- Interactive map of Ellice Swamp
- Location: Perth County, Ontario, Ontario, Canada
- Coordinates: 43°47′N 80°10′W﻿ / ﻿43.783°N 80.167°W
- Established: 1946 (as Class 2 Provincially Significant wetland)
- Named for: Ellice Township (Ontario)
- Governing body: Upper Thames River Conservation Authority and Grand River Conservation Authority
- Website: www.thamesriver.on.ca/wetlands_and_natural_areas/ellice_gadshill_swamps.htm

= Ellice Swamp =

Ellice Swamp is a large woodlot in Perth County, Ontario. The swamp covers approximately 856 ha. It is located between Stratford and Milverton in the northeastern portion of the Thames River Watershed, between the North Branch of the Thames and the Nith River.

Historically, it was known as Ellice Huckleberry Swamp and was part of the Huron Tract administered by the Canada Company. The wetland is 100% palustrine with 100% organic substrates.
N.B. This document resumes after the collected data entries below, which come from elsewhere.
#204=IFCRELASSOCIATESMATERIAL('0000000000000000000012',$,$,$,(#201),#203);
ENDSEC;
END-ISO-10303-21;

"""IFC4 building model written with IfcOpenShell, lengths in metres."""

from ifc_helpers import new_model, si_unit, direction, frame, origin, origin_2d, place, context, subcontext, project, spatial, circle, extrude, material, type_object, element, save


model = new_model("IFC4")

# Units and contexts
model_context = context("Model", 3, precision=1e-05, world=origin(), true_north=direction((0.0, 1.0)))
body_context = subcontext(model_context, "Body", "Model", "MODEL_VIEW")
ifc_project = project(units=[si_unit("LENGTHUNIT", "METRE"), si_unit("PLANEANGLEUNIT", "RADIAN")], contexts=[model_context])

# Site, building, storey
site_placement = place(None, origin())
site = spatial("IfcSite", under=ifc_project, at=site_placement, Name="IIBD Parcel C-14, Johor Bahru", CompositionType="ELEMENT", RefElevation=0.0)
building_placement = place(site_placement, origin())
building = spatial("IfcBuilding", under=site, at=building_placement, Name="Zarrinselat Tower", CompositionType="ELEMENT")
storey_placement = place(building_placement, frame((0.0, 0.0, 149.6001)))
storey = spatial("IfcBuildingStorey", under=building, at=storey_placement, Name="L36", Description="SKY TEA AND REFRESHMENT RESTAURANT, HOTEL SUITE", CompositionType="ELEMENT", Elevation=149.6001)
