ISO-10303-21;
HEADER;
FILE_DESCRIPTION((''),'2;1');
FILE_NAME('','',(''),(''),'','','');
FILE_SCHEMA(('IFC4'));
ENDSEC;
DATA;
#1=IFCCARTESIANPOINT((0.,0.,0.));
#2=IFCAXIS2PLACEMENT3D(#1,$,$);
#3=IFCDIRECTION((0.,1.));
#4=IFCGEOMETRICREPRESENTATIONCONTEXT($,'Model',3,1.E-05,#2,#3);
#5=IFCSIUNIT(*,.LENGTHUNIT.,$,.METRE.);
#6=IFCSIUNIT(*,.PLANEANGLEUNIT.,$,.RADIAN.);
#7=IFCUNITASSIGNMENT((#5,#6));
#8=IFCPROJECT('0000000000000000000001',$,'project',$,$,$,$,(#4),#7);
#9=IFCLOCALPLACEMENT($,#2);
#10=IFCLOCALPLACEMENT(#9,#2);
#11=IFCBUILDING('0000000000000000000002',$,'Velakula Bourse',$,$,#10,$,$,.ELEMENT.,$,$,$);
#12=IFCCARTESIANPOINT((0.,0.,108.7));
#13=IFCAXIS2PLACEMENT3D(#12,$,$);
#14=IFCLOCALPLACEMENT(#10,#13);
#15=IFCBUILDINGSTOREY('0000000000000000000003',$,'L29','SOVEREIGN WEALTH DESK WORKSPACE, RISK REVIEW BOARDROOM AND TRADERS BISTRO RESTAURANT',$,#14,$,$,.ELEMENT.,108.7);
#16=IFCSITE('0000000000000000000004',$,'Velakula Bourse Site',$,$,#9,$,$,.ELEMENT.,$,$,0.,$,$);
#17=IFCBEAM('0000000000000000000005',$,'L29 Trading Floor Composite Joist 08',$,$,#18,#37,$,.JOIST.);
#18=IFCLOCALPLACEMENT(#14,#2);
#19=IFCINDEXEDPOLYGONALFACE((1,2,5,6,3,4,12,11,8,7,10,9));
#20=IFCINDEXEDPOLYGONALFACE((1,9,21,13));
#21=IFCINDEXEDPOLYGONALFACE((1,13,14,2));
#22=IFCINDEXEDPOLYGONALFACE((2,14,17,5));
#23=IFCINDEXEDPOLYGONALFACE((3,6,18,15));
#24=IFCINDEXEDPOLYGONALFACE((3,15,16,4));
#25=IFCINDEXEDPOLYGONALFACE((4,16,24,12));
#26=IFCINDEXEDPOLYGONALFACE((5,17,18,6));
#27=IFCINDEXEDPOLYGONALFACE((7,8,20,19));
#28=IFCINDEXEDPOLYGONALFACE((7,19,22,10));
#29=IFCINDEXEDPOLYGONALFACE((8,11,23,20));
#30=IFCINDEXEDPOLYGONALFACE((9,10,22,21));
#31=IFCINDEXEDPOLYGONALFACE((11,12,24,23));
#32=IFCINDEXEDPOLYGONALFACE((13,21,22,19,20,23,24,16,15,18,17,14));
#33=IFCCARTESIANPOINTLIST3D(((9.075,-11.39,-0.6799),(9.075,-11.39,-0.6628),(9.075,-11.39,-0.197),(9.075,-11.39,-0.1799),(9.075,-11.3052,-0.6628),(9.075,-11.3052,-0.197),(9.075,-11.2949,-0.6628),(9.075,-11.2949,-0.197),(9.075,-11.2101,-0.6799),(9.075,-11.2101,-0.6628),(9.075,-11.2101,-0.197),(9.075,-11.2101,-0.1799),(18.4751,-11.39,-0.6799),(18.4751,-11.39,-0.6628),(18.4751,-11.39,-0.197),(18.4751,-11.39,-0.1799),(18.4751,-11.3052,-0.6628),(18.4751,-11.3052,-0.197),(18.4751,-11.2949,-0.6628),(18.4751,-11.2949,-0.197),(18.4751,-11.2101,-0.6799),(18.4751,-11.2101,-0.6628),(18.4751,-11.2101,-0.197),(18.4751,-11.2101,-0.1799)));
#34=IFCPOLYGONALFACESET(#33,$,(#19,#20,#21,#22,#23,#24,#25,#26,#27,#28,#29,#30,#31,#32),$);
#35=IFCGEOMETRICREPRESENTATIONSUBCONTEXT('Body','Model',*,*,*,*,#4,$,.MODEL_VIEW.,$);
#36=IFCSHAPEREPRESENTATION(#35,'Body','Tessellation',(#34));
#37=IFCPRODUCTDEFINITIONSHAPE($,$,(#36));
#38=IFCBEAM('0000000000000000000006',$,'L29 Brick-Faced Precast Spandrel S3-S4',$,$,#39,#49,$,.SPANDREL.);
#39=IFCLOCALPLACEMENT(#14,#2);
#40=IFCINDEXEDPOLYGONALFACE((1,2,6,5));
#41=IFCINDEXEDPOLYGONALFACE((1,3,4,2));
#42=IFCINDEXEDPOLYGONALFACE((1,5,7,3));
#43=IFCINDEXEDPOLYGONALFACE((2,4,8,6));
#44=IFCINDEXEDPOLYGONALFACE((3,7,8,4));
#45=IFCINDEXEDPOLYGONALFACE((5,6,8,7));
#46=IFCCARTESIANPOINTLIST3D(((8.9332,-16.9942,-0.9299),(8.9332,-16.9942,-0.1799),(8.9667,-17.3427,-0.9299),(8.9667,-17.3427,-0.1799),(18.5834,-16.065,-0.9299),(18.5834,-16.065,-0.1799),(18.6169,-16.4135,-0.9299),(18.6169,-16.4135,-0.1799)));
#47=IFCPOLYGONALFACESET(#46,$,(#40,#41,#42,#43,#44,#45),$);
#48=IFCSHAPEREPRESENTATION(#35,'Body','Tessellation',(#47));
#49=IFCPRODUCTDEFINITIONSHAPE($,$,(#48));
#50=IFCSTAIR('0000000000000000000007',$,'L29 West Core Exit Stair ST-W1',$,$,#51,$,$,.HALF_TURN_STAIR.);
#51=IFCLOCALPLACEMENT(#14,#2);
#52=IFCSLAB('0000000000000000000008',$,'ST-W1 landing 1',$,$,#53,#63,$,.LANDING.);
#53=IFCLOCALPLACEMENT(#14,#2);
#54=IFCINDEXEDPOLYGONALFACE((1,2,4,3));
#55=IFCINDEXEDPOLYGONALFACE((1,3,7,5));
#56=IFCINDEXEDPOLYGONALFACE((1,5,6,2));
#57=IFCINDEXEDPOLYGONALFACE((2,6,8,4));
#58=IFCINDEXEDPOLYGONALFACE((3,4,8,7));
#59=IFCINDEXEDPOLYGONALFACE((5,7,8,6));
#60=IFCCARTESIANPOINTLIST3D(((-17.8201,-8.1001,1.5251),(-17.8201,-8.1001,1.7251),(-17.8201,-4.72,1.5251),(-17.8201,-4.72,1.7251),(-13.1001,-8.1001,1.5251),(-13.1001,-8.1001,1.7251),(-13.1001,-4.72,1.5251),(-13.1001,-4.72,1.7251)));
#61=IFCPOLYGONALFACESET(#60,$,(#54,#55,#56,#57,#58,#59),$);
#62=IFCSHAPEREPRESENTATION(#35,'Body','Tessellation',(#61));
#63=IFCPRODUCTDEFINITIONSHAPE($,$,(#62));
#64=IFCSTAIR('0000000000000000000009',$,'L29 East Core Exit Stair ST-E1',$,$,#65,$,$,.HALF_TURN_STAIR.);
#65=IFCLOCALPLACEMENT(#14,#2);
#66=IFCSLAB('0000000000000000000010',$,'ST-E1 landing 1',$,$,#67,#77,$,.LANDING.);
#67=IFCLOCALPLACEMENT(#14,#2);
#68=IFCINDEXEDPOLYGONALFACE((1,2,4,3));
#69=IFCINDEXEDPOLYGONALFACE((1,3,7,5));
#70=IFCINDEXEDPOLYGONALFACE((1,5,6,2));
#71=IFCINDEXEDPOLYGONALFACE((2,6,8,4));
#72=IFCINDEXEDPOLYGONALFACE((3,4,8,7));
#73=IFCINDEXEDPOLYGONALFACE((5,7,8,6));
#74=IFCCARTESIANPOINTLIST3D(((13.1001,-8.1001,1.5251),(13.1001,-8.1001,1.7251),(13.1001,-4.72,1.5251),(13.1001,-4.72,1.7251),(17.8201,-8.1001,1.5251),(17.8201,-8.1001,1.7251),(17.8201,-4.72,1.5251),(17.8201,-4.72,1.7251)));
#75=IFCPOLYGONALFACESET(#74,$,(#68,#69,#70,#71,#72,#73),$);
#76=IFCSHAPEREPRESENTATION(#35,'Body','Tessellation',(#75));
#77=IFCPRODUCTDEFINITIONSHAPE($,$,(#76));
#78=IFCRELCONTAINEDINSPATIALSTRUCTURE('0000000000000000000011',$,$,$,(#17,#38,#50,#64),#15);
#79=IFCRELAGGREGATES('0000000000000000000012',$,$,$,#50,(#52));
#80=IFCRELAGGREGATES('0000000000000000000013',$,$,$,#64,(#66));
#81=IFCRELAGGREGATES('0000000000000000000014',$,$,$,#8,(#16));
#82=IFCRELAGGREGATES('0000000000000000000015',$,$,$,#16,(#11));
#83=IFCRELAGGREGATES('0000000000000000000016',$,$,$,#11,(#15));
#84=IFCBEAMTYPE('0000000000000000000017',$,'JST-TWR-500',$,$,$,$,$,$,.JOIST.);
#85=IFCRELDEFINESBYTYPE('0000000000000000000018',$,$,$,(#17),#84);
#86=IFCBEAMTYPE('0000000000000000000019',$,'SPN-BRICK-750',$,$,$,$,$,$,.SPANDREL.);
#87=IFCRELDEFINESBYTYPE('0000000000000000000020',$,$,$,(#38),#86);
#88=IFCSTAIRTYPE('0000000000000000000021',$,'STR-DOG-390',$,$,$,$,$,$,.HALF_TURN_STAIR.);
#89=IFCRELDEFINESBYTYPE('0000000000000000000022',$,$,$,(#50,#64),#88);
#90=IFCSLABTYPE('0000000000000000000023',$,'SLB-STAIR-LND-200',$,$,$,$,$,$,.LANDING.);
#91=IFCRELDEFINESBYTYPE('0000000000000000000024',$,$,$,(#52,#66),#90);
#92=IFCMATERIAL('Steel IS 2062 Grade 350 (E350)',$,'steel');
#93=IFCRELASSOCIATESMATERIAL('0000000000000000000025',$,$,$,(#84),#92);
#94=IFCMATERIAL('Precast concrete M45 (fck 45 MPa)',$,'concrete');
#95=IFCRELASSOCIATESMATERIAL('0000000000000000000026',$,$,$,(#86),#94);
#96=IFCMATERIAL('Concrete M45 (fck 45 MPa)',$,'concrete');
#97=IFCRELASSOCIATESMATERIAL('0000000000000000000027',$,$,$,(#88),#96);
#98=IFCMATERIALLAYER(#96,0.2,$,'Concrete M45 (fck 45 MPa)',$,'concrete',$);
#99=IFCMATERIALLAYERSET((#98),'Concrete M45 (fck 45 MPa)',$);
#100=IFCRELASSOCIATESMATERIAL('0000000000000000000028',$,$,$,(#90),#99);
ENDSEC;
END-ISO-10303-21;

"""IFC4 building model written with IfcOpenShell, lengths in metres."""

from ifc_helpers import new_model, si_unit, direction, frame, origin, origin_2d, place, context, subcontext, project, spatial, polyline, rectangle, i_section, outline, extrude, material, layer, layer_set, material_profile, profile_set, type_object, element, aggregate, save


model = new_model("IFC4")

# Units and contexts
model_context = context("Model", 3, precision=1e-05, world=origin(), true_north=direction((0.0, 1.0)))
body_context = subcontext(model_context, "Body", "Model", "MODEL_VIEW")
ifc_project = project(units=[si_unit("LENGTHUNIT", "METRE"), si_unit("PLANEANGLEUNIT", "RADIAN")], contexts=[model_context])

# Site, building, storey
site_placement = place(None, origin())
site = spatial("IfcSite", under=ifc_project, at=site_placement, Name="Velakula Bourse Site", CompositionType="ELEMENT", RefElevation=0.0)
building_placement = place(site_placement, origin())
building = spatial("IfcBuilding", under=site, at=building_placement, Name="Velakula Bourse", CompositionType="ELEMENT")
storey_placement = place(building_placement, frame((0.0, 0.0, 108.7)))
storey = spatial("IfcBuildingStorey", under=building, at=storey_placement, Name="L29", Description="SOVEREIGN WEALTH DESK WORKSPACE, RISK REVIEW BOARDROOM AND TRADERS BISTRO RESTAURANT", CompositionType="ELEMENT", Elevation=108.7)

# Beams
ifc_material_1 = material(Name="Steel IS 2062 Grade 350 (E350)", Category="steel")
ifc_material_profile_1 = material_profile(ifc_material_1, i_section(OverallWidth=0.1799, OverallDepth=0.5, WebThickness=0.0103, FlangeThickness=0.0171, at=origin_2d()), Name="Steel IS 2062 Grade 350 (E350)")
ifc_profile_set_1 = profile_set([ifc_material_profile_1], Name="Steel IS 2062 Grade 350 (E350)")
beam_type_1 = type_object("IfcBeamType", Name="JST-TWR-500", PredefinedType="JOIST", material=ifc_profile_set_1)
beam_1_placement = place(storey_placement, frame((9.075, -11.3, -0.4299), z_axis=(1.0, 0.0, 0.0), x_axis=(0.0, 1.0, 0.0)))
element("IfcBeam", 1, at=beam_1_placement, inside=storey, type_object=beam_type_1, Name="L29 Trading Floor Composite Joist 08", PredefinedType="JOIST", context=body_context, shape_type="SweptSolid", body=[
    extrude(i_section(OverallWidth=0.1799, OverallDepth=0.5, WebThickness=0.0103, FlangeThickness=0.0171, at=origin_2d()), origin(), (0.0, 0.0, 1.0), 9.4001),
])
ifc_material_2 = material(Name="Precast concrete M45 (fck 45 MPa)", Category="concrete")
ifc_material_profile_2 = material_profile(ifc_material_2, rectangle(XDim=0.3501, YDim=0.75, at=origin_2d()), Name="Precast concrete M45 (fck 45 MPa)")
ifc_profile_set_2 = profile_set([ifc_material_profile_2], Name="Precast concrete M45 (fck 45 MPa)")
beam_type_2 = type_object("IfcBeamType", Name="SPN-BRICK-750", PredefinedType="SPANDREL", material=ifc_profile_set_2)
beam_2_placement = place(storey_placement, frame((8.95, -17.1685, -0.5549), z_axis=(0.995396, 0.095845, 0.0), x_axis=(-0.095845, 0.995396, 0.0)))
element("IfcBeam", 2, at=beam_2_placement, inside=storey, type_object=beam_type_2, Name="L29 Brick-Faced Precast Spandrel S3-S4", PredefinedType="SPANDREL", context=body_context, shape_type="SweptSolid", body=[
    extrude(rectangle(XDim=0.3501, YDim=0.75, at=origin_2d()), origin(), (0.0, 0.0, 1.0), 9.6948),
])

# Stairs, slabs
ifc_material_3 = material(Name="Concrete M45 (fck 45 MPa)", Category="concrete")
stair_type = type_object("IfcStairType", Name="STR-DOG-390", PredefinedType="HALF_TURN_STAIR", material=ifc_material_3)
stair_1_placement = place(storey_placement, origin())
stair_1 = element("IfcStair", 3, at=stair_1_placement, inside=storey, type_object=stair_type, Name="L29 West Core Exit Stair ST-W1", PredefinedType="HALF_TURN_STAIR")
ifc_layer_1 = layer(ifc_material_3, 0.2, Name="Concrete M45 (fck 45 MPa)", Category="concrete")
ifc_layer_set_1 = layer_set([ifc_layer_1], Name="Concrete M45 (fck 45 MPa)")
slab_type_1 = type_object("IfcSlabType", Name="SLB-STAIR-LND-200", PredefinedType="LANDING", material=ifc_layer_set_1)
slab_1_placement = place(storey_placement, frame((0.0, 0.0, 1.5251)))
slab_1 = element("IfcSlab", 4, at=slab_1_placement, type_object=slab_type_1, Name="ST-W1 landing 1", PredefinedType="LANDING", context=body_context, shape_type="SweptSolid", body=[
    extrude(outline(polyline([(-17.8201, -4.72), (-17.8201, -8.1001), (-13.1001, -8.1001), (-13.1001, -4.72), (-17.8201, -4.72)])), origin(), (0.0, 0.0, 1.0), 0.2),
])
aggregate(stair_1, [slab_1])
stair_2_placement = place(storey_placement, origin())
stair_2 = element("IfcStair", 5, at=stair_2_placement, inside=storey, type_object=stair_type, Name="L29 East Core Exit Stair ST-E1", PredefinedType="HALF_TURN_STAIR")
slab_2_placement = place(storey_placement, frame((0.0, 0.0, 1.5251)))
slab_2 = element("IfcSlab", 6, at=slab_2_placement, type_object=slab_type_1, Name="ST-E1 landing 1", PredefinedType="LANDING", context=body_context, shape_type="SweptSolid", body=[
    extrude(outline(polyline([(13.1001, -4.72), (13.1001, -8.1001), (17.8201, -8.1001), (17.8201, -4.72), (13.1001, -4.72)])), origin(), (0.0, 0.0, 1.0), 0.2),
])
aggregate(stair_2, [slab_2])

save(model, "model.ifc")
It is primarily owned by the Upper Thames River Conservation Authority; the northern section of Ellice Swamp being owned by the Grand River Conservation Authority.

== Flora and fauna ==
Although the swamp is covered with sphagnum moss, woody vegetation is replacing the traditional wet bog species. Poplar, black ash and silver maple forest cover most of the area. Although the swamp's historical name "Huckleberry Swamp" suggests the presence of the huckleberry plant, it has been eliminated from the area.

=== Golden winged warbler ===

The golden-winged warbler is a New World warbler. It breeds in southeastern and south-central Canada and the Appalachian Mountains northeastern to north-central United States. The majority (~70%) of the global population breeds in Wisconsin, Minnesota, and Manitoba. Golden-winged warbler populations are slowly expanding northwards, but are generally declining across its range, most likely as a result of habitat loss and competition/interbreeding with the very closely related blue-winged warbler.

According to the Upper Thames River Conservation Authority, the golden-winged warbler is found only at the Ellice Swamp within Perth County.